The consensus among scouts is that Walker (off ball linebacker) and Wyatt (three technique defensive tackle) are the best players at their positions in the draft.

All that high praise brings equally high expectations, but the belief is Walker (who will wear No. 7) and Wyatt (No. 95) will be impactful from the start this season.

Watson is the greater question mark.

The NDSU product has great size (6-4, 208) and speed (4.38 in the 40-yard dash) to go with NFL bloodlines: His father, Tim, was a safety originally drafted by the Packers and went on to play elsewhere during his five-year NFL career.

Watson’s production at North Dakota State wasn’t awe-inspiring, but he played within the Bisons’ run-first scheme and was a good teammate and downfield blocker. And when called upon, Watson routinely flashed his big-play ability. He also is willing and able in the kick and punt return games.

Aaron Rodgers, who was a guest on The Pat McAfee Show during the draft, revealed that the Packers had first-round grades on all six receivers that were selected. When Tennessee drafted Arkansas’ Treylon Burks at 18 Rodgers figured they wouldn’t be taking a receiver in the first round.

He was right.

Gutekunst blanched at the notion offered by some that the Packers “settled” at receiver by selecting Watson in the second round, as opposed to trading up in the first round to get one of six receivers selected in the first 18 picks.

“Settled probably isn’t the word I would use,” Gutekunst said. “I think there’s going to be a lot (of chances for additions) between now and the first game, but I really do like the group.

“Obviously with Sammy and now Christian, we’ve added some athleticism into the room. We talked a lot about Randall and Allen and how much they mean to our football team. And then the opportunities that may have not existed that will exist for those guys now, along with Amari (Rodgers). So that’s a pretty solid group of five and we have some other guys that contributed.”

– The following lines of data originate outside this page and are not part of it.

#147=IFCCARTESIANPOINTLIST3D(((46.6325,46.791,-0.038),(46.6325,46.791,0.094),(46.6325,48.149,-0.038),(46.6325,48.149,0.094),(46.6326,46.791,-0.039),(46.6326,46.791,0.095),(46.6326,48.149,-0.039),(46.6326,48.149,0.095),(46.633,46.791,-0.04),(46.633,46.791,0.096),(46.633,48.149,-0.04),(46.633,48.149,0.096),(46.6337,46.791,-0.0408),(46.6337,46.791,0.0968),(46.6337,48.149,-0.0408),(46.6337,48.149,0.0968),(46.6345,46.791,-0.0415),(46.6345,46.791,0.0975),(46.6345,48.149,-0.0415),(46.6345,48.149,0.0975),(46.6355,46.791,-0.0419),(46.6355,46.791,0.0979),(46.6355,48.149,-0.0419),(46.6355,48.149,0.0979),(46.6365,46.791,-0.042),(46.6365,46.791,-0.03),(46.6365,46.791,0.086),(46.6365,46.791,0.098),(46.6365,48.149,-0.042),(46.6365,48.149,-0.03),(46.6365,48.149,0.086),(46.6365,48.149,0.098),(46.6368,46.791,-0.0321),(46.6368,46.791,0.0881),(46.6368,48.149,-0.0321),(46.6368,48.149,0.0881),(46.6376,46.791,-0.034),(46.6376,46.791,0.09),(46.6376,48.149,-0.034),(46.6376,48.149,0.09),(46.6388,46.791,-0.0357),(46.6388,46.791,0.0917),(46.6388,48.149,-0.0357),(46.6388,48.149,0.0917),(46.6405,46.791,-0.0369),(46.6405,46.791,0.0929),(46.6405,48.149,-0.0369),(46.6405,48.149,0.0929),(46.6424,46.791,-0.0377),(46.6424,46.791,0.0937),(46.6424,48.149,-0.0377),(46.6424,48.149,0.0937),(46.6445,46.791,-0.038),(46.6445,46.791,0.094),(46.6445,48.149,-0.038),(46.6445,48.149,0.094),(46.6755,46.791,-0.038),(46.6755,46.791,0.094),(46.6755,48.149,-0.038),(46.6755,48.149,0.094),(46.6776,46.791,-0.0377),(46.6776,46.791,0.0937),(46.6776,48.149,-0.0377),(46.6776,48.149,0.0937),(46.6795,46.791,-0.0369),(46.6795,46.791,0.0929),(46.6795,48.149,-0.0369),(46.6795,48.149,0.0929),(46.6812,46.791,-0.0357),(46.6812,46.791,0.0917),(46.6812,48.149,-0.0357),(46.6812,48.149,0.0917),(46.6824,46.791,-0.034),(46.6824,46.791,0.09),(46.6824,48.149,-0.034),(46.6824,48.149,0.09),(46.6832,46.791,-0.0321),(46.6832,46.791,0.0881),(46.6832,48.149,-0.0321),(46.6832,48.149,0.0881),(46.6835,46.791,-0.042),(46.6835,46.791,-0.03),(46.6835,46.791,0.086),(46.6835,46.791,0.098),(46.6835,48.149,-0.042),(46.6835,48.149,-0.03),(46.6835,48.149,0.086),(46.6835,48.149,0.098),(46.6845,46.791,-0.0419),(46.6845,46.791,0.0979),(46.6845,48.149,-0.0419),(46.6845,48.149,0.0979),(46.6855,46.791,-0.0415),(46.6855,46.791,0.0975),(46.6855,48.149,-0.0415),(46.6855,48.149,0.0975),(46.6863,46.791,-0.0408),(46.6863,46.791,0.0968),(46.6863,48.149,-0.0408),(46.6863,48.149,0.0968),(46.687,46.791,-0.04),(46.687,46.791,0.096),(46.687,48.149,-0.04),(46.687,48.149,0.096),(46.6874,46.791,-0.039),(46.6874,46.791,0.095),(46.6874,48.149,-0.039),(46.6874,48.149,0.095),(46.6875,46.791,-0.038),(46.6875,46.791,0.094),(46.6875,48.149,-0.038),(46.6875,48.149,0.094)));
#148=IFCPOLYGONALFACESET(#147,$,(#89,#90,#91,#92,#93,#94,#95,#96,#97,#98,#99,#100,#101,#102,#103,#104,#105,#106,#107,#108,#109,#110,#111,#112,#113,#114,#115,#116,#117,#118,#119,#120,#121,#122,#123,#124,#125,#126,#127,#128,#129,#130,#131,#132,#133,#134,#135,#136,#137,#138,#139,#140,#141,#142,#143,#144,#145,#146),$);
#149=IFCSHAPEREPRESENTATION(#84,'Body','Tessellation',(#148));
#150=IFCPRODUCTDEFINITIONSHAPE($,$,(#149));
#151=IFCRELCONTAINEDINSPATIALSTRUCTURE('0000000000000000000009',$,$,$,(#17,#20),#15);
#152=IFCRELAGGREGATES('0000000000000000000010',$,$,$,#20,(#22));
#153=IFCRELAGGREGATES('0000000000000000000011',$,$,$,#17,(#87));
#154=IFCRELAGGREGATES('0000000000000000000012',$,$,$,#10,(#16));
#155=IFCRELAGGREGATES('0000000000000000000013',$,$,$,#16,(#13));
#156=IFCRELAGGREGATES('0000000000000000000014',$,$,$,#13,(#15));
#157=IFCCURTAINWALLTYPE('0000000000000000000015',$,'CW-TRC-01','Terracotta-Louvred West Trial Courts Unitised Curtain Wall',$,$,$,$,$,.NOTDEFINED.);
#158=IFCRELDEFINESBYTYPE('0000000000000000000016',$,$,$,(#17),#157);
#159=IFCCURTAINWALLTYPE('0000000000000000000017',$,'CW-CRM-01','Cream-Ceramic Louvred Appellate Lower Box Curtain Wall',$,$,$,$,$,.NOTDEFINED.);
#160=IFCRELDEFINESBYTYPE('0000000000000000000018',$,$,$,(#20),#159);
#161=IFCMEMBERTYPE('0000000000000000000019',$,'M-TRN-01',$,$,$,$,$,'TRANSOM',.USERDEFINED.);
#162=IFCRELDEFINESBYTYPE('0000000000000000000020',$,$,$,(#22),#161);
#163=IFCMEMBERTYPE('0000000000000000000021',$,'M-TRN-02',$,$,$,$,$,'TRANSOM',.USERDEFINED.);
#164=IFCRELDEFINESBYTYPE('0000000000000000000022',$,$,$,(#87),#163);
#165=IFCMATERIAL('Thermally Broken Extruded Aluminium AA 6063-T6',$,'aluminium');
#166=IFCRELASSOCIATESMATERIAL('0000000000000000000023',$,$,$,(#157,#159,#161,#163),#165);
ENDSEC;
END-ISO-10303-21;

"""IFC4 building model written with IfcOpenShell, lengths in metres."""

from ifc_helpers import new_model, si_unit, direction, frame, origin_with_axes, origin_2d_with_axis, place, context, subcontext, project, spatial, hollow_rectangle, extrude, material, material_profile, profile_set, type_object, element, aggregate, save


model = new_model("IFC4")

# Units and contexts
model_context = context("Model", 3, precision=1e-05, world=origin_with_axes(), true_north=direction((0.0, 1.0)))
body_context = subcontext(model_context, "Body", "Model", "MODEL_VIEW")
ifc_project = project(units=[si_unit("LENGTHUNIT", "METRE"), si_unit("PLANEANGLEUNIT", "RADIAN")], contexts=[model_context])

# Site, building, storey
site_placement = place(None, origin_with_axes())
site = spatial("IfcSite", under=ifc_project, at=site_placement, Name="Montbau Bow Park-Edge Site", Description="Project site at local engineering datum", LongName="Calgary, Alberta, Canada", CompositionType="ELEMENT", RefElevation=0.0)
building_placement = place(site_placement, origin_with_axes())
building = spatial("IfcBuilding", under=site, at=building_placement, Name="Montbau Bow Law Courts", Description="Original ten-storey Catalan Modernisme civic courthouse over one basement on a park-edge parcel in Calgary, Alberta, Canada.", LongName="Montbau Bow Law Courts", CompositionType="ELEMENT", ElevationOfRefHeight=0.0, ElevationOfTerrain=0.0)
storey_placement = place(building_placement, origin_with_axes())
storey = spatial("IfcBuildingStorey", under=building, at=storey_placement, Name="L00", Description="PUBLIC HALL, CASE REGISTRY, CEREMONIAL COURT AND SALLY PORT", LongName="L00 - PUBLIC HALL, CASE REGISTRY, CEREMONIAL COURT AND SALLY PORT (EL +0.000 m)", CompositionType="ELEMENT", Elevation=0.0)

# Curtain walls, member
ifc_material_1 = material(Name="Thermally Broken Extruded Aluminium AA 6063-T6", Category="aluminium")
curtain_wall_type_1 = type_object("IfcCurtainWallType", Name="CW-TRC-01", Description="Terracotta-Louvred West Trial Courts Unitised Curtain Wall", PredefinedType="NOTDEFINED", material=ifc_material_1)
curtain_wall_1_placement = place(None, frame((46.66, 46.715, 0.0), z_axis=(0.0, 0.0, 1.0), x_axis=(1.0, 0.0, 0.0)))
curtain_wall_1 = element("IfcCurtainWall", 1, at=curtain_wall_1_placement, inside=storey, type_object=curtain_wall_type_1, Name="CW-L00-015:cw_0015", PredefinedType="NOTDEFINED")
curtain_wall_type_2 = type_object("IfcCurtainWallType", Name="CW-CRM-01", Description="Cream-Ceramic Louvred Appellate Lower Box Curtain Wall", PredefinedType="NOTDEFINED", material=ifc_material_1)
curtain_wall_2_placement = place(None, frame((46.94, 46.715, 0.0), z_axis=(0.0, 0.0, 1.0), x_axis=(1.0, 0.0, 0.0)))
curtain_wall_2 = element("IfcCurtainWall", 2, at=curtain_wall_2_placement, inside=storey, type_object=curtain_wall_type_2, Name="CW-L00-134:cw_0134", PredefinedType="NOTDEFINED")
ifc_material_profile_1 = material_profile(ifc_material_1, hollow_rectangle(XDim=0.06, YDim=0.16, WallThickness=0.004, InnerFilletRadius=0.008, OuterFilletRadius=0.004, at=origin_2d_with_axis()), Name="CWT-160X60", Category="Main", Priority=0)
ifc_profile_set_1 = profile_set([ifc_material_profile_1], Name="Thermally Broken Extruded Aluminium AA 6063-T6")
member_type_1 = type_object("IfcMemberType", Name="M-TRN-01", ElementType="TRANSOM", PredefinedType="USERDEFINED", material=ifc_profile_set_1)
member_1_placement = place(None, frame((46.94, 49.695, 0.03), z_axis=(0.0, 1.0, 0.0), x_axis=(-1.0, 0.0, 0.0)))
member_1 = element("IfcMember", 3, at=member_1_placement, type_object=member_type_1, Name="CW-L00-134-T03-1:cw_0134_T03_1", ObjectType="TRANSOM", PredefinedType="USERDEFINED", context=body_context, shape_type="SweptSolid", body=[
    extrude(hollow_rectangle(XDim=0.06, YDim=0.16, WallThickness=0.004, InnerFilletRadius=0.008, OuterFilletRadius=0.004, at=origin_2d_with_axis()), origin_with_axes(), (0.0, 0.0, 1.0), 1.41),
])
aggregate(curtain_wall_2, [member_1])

Lazard is the Packers’ top returning receiver with 40 catches for 513 yards and eight touchdowns last season. Watkins is a proven pro who shouldn’t need a lot of time to begin collaborating with Rodgers, and Cobb was productive last season before being injured late in the first half against the Rams.

Watson, who will wear No. 9, was asked what he’ll say when he meets Rodgers.

“I’ll say, ‘I’m ready to work,’ ” Watson replied. I’m ready to learn and I’m ready to get after it. I know he’s going to be tough on me and that’s exactly what I want. I want someone who’s going to continue to push me to be the best possible player that I can be, and I know that with him being one of the greatest that he’s going to get everything out of me, so shoot, I’m going to tell him I’m ready to work and shoot, I’m ready to go.”

The Packers selected Nevada receiver Romeo Doubs with the 132nd pick.

Doubs (6-2, 201) didn’t run at his pro day because of a knee injury, but he plays fast and is projected to run the 40 in 4.55 seconds. He produced back-to-back 1,000-yard seasons at Nevada, where his toughness and pass-catching stood out.

Doubs is more a straight-line speedster in the mold of Marques Valdez-Scantling and should make the team as the sixth receiver. He also is a proven and willing returner and gunner on special teams.

Nebraska’s Samori Toure was taken with the 258th pick in the seventh round.

Toure (6-1, 191) ran a 4.44 40-yard dash and posted a 34 ½ inch vertical leap. He averaged 19.7 yards per catch which was tops in the Big Ten last season. His route depth was 18th among the top 100 receivers measured by analytics experts, so he’s clearly a field stretcher as well as an accomplished return specialist.

Elsewhere in the draft, the Packers selected three offensive linemen: UCLA’s Sean Rhyan, Wake Forest’s Zach Tom and Penn State’s Rasheed Wallace.

They also took edge rusher Kingsley Enagbare, South Carolina, hybrid safety Tariq Carpenter of Georgia Tech and defensive tackle Jonathan Ford of Miami.

Rhyan (6-5, 321) will wear No. 75.

He started all 12 games at left tackle for UCLA last season and has 31 college starts at that position. Rhyan is a candidate to move to guard with the Packers, who have had great success by drafting college tackles and moving them inside. It could allow Elgton Jenkins to move to right tackle, with Rhyan competing at right guard with Royce Newman, while Jon Runyan remains at left guard.